The Staten Island Yankees, an A ball affiliate of the big-league team.
Zev Steinhardt
The Staten Island Yankees, an A ball affiliate of the big-league team.
Zev Steinhardt
WAG Does there have to be a ‘Reason’?
It is for the same reason that the Upper Peninsula is a part of Michigan!
Does the cream rise to the top when the cow goes uphill?
When I was a kid, we used to go to Pouch Boy Scout Camp on Staten Island. Before the bridge was built there was also a ferry from Brooklyn, which had excellent soft serve ice cream.
Yeah, but better get a haircut first.*
Hippie.
*This advice of course would best apply to attempts to infiltrate certain South Shore eateries. The North Shore is much more eclectic and diverse.
And by the way, no one has mentioned doing a tour of palatial estates of Mafiosi (present or former; S.I. was notable for being a bedroom borough for upper-level thugs). You can also visit the spot on Hylan Blvd. where Lucky Luciano was dumped after being “taken for a ride”. He lived.
No one has answered the OP yet. Billdo and **Exapno Mapcase ** have told you why SI is part of New York State, but they have not explained why it is part of New York City.

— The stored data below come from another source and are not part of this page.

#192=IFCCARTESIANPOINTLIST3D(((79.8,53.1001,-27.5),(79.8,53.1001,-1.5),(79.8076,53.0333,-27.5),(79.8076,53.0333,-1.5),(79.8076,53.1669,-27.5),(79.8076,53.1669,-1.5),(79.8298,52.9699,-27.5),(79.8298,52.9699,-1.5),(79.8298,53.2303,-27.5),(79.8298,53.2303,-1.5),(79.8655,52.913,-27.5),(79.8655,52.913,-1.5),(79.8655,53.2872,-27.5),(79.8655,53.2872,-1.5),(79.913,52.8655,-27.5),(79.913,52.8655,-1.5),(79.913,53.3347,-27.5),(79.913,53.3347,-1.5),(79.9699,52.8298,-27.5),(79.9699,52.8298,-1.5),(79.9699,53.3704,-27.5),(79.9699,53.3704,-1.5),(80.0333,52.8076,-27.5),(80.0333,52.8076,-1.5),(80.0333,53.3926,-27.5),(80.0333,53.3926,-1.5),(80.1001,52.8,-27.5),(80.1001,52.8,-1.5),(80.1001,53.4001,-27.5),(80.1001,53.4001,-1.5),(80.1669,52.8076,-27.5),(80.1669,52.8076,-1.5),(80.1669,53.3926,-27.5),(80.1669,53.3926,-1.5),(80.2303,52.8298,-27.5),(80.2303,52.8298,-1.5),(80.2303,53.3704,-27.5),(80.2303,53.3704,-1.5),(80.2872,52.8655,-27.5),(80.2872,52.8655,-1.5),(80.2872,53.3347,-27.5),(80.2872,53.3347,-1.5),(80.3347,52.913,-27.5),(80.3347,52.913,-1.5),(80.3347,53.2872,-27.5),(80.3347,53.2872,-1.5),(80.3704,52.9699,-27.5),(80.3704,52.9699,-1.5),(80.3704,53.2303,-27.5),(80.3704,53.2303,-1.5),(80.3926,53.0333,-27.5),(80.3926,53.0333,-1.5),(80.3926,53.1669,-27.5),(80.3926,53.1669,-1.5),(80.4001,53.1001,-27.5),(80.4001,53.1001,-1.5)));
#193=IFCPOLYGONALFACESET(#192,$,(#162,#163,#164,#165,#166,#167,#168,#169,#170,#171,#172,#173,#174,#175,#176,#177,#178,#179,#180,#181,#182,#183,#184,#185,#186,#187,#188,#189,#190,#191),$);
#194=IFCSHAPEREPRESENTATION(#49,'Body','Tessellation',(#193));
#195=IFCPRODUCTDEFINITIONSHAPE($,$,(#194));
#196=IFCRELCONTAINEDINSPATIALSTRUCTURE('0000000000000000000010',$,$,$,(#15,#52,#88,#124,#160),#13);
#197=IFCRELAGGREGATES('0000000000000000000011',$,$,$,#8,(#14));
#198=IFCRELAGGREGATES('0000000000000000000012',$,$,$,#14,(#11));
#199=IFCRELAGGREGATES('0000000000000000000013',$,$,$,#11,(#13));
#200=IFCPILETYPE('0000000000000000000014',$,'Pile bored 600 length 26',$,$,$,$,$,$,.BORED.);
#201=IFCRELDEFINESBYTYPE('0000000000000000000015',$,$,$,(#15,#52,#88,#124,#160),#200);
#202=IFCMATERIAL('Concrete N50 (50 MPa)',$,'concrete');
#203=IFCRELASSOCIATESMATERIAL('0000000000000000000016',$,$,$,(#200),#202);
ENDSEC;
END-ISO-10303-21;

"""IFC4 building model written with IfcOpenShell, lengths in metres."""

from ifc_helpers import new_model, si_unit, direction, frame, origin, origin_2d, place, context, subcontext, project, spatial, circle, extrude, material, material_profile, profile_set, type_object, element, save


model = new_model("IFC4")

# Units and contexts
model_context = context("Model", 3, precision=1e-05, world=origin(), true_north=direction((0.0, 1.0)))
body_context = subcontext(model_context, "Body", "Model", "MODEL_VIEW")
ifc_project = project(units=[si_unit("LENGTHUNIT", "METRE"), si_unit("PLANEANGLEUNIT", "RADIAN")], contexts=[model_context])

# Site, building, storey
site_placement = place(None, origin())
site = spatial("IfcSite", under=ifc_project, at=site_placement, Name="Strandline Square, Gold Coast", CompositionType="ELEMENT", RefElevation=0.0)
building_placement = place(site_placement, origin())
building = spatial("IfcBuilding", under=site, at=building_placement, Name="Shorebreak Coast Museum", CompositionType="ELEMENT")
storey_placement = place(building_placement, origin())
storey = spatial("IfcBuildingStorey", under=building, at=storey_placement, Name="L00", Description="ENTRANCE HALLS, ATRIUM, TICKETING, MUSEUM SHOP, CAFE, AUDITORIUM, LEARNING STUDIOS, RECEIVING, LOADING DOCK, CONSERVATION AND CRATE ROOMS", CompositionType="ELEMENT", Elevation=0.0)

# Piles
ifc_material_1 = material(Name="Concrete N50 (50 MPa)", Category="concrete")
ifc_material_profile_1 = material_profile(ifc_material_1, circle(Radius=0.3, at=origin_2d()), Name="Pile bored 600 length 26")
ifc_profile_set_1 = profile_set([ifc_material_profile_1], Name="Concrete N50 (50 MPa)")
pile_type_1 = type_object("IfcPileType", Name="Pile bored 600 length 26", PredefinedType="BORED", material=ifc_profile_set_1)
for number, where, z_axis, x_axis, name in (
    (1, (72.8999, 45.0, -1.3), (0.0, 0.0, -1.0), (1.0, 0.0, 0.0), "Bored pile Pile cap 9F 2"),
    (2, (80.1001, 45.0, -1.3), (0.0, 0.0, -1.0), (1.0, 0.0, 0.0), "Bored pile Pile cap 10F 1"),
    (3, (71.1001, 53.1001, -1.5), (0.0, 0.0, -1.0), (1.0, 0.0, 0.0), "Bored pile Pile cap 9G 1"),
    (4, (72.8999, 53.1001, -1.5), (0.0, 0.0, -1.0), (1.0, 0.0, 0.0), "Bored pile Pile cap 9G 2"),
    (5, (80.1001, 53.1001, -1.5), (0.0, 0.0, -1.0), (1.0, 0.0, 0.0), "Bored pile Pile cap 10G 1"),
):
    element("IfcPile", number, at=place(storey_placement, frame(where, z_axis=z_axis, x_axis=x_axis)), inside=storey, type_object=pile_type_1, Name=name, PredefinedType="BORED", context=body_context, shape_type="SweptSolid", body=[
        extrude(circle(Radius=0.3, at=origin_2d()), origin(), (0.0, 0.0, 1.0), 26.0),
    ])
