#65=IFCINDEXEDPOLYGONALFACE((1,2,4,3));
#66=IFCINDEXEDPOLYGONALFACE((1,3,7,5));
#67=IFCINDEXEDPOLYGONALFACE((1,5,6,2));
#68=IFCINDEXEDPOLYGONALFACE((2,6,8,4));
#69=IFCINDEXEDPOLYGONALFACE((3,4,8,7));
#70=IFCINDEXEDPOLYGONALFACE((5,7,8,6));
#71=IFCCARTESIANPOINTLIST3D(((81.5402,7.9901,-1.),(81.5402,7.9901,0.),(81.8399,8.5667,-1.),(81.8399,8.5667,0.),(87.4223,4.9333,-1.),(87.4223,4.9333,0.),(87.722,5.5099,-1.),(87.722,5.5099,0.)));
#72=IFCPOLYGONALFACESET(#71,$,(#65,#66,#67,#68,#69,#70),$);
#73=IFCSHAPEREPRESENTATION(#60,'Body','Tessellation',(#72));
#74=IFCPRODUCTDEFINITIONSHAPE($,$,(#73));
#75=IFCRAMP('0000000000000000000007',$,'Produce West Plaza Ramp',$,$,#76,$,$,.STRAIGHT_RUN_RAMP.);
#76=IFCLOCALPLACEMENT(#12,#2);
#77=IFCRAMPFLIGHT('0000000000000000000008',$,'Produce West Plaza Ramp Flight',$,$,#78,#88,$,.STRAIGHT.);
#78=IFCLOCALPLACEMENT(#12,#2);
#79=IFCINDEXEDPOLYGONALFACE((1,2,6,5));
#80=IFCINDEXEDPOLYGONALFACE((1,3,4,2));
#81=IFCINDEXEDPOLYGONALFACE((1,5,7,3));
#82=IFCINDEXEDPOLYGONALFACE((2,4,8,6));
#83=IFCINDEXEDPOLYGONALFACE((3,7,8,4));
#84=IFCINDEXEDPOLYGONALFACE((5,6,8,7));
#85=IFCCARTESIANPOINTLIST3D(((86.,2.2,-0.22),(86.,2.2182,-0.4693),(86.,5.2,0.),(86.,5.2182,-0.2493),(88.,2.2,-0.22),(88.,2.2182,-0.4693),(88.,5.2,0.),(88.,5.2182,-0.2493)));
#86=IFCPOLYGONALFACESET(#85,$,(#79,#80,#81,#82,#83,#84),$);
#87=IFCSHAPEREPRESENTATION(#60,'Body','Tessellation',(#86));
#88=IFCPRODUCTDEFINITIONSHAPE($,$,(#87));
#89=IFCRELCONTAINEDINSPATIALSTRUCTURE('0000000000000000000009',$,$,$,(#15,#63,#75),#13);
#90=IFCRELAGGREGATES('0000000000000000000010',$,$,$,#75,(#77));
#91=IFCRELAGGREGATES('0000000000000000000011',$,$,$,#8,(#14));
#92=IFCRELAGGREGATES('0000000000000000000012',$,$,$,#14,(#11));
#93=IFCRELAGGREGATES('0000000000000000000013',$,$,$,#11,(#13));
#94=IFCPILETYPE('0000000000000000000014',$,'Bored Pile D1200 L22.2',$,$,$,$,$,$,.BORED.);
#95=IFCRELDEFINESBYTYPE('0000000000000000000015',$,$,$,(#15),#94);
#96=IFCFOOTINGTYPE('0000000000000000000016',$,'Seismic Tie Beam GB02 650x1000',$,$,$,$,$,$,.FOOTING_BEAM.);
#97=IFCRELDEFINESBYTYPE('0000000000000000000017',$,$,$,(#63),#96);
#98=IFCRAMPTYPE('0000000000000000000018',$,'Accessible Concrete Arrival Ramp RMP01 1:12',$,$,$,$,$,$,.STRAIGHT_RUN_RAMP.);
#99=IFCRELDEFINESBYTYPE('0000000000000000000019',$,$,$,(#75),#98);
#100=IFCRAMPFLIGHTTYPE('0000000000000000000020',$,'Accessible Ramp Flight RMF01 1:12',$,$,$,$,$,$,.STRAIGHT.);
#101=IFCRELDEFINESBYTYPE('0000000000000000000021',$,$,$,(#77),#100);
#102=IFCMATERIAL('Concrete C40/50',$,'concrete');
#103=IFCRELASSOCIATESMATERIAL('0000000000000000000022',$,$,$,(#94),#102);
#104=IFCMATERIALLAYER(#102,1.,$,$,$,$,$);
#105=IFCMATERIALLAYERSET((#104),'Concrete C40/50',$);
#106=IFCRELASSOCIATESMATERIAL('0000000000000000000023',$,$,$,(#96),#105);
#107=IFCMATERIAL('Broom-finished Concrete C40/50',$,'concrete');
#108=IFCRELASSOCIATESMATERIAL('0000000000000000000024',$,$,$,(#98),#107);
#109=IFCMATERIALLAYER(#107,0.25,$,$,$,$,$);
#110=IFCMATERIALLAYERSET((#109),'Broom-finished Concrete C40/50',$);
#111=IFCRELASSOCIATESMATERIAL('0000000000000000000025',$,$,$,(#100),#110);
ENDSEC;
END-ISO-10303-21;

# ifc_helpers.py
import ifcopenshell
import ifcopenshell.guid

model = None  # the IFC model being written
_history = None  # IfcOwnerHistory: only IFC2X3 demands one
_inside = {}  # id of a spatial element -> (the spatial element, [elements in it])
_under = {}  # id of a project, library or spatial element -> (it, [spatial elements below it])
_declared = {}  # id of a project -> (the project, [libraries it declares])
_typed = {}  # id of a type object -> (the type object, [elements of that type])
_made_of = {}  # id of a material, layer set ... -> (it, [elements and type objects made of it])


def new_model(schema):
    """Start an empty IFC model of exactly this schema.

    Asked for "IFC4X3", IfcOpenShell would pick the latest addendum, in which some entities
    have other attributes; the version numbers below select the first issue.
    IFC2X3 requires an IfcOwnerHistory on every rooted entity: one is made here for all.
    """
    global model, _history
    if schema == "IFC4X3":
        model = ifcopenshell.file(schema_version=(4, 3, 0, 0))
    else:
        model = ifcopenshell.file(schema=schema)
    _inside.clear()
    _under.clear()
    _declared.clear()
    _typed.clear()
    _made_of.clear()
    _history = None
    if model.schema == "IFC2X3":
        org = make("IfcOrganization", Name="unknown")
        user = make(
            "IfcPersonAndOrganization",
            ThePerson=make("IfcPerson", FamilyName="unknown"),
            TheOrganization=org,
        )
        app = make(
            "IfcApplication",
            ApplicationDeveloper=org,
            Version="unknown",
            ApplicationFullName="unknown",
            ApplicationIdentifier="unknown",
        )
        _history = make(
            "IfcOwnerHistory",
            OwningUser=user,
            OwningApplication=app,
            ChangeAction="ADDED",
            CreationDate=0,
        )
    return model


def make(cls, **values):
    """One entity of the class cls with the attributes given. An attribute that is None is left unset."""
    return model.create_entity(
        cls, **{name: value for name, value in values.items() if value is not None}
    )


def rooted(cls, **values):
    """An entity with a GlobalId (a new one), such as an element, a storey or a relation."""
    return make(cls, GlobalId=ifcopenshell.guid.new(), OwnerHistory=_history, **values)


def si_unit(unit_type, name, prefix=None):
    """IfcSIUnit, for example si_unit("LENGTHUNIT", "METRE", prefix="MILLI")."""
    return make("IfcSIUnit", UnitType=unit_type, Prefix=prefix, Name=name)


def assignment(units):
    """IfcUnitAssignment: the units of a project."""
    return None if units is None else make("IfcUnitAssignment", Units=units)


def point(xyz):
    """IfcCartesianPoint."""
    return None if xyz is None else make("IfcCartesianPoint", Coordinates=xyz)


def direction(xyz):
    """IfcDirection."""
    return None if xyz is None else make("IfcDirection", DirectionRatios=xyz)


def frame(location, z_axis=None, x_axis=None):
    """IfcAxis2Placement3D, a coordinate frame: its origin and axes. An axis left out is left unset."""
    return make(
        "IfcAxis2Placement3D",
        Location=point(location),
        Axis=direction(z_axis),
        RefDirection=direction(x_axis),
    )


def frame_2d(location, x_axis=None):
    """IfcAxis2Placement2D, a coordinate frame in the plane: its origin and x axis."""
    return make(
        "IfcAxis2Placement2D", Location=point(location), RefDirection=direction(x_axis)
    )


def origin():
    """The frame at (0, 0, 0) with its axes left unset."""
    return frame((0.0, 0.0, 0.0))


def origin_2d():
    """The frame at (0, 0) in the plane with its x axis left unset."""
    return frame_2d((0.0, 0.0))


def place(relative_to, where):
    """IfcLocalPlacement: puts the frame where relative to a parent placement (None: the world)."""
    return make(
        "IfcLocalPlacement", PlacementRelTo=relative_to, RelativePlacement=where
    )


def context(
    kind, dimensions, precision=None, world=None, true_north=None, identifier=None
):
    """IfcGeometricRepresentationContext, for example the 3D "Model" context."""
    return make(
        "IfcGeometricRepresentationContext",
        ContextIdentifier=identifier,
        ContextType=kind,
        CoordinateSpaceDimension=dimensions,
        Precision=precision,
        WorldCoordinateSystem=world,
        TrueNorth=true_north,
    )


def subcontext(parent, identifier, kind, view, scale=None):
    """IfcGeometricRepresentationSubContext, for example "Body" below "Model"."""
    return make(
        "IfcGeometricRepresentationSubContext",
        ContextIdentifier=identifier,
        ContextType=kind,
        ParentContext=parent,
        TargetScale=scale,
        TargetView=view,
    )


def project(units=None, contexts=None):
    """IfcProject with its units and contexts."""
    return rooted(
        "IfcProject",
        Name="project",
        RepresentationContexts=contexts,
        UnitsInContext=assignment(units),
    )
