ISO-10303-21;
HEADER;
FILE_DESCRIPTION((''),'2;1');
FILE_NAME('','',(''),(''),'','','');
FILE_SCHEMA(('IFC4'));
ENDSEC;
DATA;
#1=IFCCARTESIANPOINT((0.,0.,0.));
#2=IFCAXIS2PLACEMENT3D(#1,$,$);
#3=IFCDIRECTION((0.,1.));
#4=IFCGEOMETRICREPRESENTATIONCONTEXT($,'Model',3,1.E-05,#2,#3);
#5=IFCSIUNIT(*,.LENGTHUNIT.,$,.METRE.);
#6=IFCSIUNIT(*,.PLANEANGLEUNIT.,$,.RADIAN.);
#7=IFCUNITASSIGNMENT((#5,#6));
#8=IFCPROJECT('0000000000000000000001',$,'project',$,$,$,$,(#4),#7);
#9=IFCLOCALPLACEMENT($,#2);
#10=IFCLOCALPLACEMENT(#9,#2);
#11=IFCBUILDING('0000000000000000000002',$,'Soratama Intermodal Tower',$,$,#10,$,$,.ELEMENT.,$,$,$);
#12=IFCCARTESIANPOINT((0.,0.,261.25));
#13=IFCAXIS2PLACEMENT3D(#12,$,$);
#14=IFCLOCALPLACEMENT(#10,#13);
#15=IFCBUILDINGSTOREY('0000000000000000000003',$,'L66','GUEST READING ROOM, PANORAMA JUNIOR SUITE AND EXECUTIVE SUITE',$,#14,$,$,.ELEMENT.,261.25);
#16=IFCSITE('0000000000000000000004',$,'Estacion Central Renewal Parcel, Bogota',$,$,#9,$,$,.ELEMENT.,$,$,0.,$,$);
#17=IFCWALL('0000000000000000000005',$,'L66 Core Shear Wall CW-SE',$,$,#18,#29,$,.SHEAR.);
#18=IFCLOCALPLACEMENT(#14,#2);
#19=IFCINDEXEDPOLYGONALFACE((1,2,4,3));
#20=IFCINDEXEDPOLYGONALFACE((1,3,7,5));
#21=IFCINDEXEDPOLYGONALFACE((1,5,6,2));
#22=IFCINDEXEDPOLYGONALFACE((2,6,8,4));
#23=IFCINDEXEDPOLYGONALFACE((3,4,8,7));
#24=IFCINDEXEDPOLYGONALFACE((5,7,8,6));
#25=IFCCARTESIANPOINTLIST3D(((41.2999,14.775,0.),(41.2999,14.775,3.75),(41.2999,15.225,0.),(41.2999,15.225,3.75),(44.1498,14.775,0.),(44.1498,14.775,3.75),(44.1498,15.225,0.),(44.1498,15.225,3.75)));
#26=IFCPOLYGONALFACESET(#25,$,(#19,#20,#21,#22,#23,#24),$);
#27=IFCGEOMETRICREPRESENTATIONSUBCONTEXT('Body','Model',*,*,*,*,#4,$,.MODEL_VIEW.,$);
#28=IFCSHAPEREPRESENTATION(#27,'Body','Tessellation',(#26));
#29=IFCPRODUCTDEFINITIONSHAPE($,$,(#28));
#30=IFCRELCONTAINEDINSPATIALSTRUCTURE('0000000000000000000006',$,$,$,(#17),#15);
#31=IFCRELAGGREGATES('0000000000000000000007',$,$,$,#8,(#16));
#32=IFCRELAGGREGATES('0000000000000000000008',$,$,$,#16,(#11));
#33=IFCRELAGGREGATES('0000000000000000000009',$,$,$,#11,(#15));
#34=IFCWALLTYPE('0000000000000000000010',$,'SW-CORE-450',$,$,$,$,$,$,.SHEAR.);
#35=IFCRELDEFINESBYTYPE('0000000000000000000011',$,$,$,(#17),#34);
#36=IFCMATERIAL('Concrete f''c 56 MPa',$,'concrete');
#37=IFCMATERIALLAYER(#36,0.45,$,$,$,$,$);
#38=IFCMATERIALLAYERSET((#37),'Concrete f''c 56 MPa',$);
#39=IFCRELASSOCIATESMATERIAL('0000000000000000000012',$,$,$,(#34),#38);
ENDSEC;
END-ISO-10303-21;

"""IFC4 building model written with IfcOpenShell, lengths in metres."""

from ifc_helpers import new_model, si_unit, direction, frame, frame_2d, origin, place, context, subcontext, project, spatial, rectangle, extrude, material, layer, layer_set, type_object, element, save


model = new_model("IFC4")

# Units and contexts
model_context = context("Model", 3, precision=1e-05, world=origin(), true_north=direction((0.0, 1.0)))
body_context = subcontext(model_context, "Body", "Model", "MODEL_VIEW")
ifc_project = project(units=[si_unit("LENGTHUNIT", "METRE"), si_unit("PLANEANGLEUNIT", "RADIAN")], contexts=[model_context])

# Site, building, storey
site_placement = place(None, origin())
site = spatial("IfcSite", under=ifc_project, at=site_placement, Name="Estacion Central Renewal Parcel, Bogota", CompositionType="ELEMENT", RefElevation=0.0)
building_placement = place(site_placement, origin())
building = spatial("IfcBuilding", under=site, at=building_placement, Name="Soratama Intermodal Tower", CompositionType="ELEMENT")
storey_placement = place(building_placement, frame((0.0, 0.0, 261.25)))
storey = spatial("IfcBuildingStorey", under=building, at=storey_placement, Name="L66", Description="GUEST READING ROOM, PANORAMA JUNIOR SUITE AND EXECUTIVE SUITE", CompositionType="ELEMENT", Elevation=261.25)

# Wall
ifc_material_1 = material(Name="Concrete f'c 56 MPa", Category="concrete")
ifc_layer_1 = layer(ifc_material_1, 0.45)
ifc_layer_set_1 = layer_set([ifc_layer_1], Name="Concrete f'c 56 MPa")
wall_type_1 = type_object("IfcWallType", Name="SW-CORE-450", PredefinedType="SHEAR", material=ifc_layer_set_1)
wall_1_placement = place(storey_placement, frame((41.3, 15.0, 0.0), z_axis=(0.0, 0.0, 1.0), x_axis=(1.0, 0.0, 0.0)))
element("IfcWall", 1, at=wall_1_placement, inside=storey, type_object=wall_type_1, Name="L66 Core Shear Wall CW-SE", PredefinedType="SHEAR", context=body_context, shape_type="SweptSolid", body=[
    extrude(rectangle(XDim=2.8499, YDim=0.45, at=frame_2d((1.4248, 0.0))), origin(), (0.0, 0.0, 1.0), 3.75),
])

save(model, "model.ifc")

Before getting to the reasons, it should be stated that there was no pre-colonial legal tie between the two municipalities; it was a deliberate and intentional act by Andrew Haswell Green to include SI in the consolidation of 1898, an act that also added Brooklyn and Queens to the territory of NYC. (The area of today’s Bronx had joined earlier.) During the debate that surrounded the creation of “Greater New York” quite a few persons argued to exclude SI from the scheme. It was too far away and too rural, they said.
So, why did Green include it? Three primary reasons, it seems.
#1. Staten Islanders Wanted In. After encountering some resistance to the idea of consolidating the entire metropolitan region into NYC, Green, the force behind the consolidation movement, proposed a non-binding referendum to feel out popular sentiment. SI was included in the vote. They voted nearly 4 to 1 in favor of joining NYC – the highest pro-consolidation vote of any voting district. (I love to tell this to today’s sucession-happy SIers!) This result is not so surprising because less-developed areas – and SI was very rural in nature – craved the infrastructure improvements that Manhattan’s tax wealth could give them.
#2. Unity of the Port. In the late 1800s (and for centuries prior) the economy of the metropolitan region was driven by the trade conducted at the Port of New York. Green and his supporters in the business community saw that the port was being mismanaged by the area’s fragmented, competing waterfront municipalities. There were port facilities on SI, and Green, who preached comprehensive urban planning since the 1860s, wanted them to be part of his vision of a centrally controlled harbor.
#3. Collateral. In the 19th century, the NYS constitution capped the amount of money a municipality could borrow (by issuing bonds) based on its assets. (It’s worth noting that Brooklyn, an independent city at the time, was fiercely torn between its autonomy and the allure of the public improvements that would come with consolidation. It had borrowed to its legal limit and could not afford the improvements it desperately needed. The unlit, unpaved, muddy streets of Brooklyn had been a joke in the popular press for decades.) Taxable land is an asset. Green knew that massive public improvements – bridges, sewers, roads, water supplies, etc. – would need to be built if Greater New York became a reality, and the real estate of SI represented collateral.
Note: I’d like to acknowledge Prof. David C. Hammack, who is generally regarded as the leading expert on the consolidation of Greater New York, for pointing out reasons #2 & 3 to me during my research. (You’d be amazed how often this very question comes up.)
See, wha’d I tell you.
Wow. As I read the thread, I wondered what kanicbird’s post referred to. Lived in NYC since 1981, I never knew this.
Live and loin
Cartooniverse
To expand on some previous posts, New York used to be significantly larger than its current size. Even leaving aside the fact that NY’s western border at one time theoretically extended through uncolonized land all the way to the Pacific, New York encompassed what is now Vermont, Nantucket Island, Martha’s Vinyard, and even parts of Maine.
Which explains why the district that encompasses Staten Island (as well as some of Brooklyn) elects the only Republican Congressman from New York City – Vito Fossella.
“Infiltrate”? This is going to be interesting. I don’t wear long hair anymore, but I’m not about to shave my goatee.
You don’t say. Most outsiders think NJ is the East Coast epicenter of mob life, thanks to the Sopranos.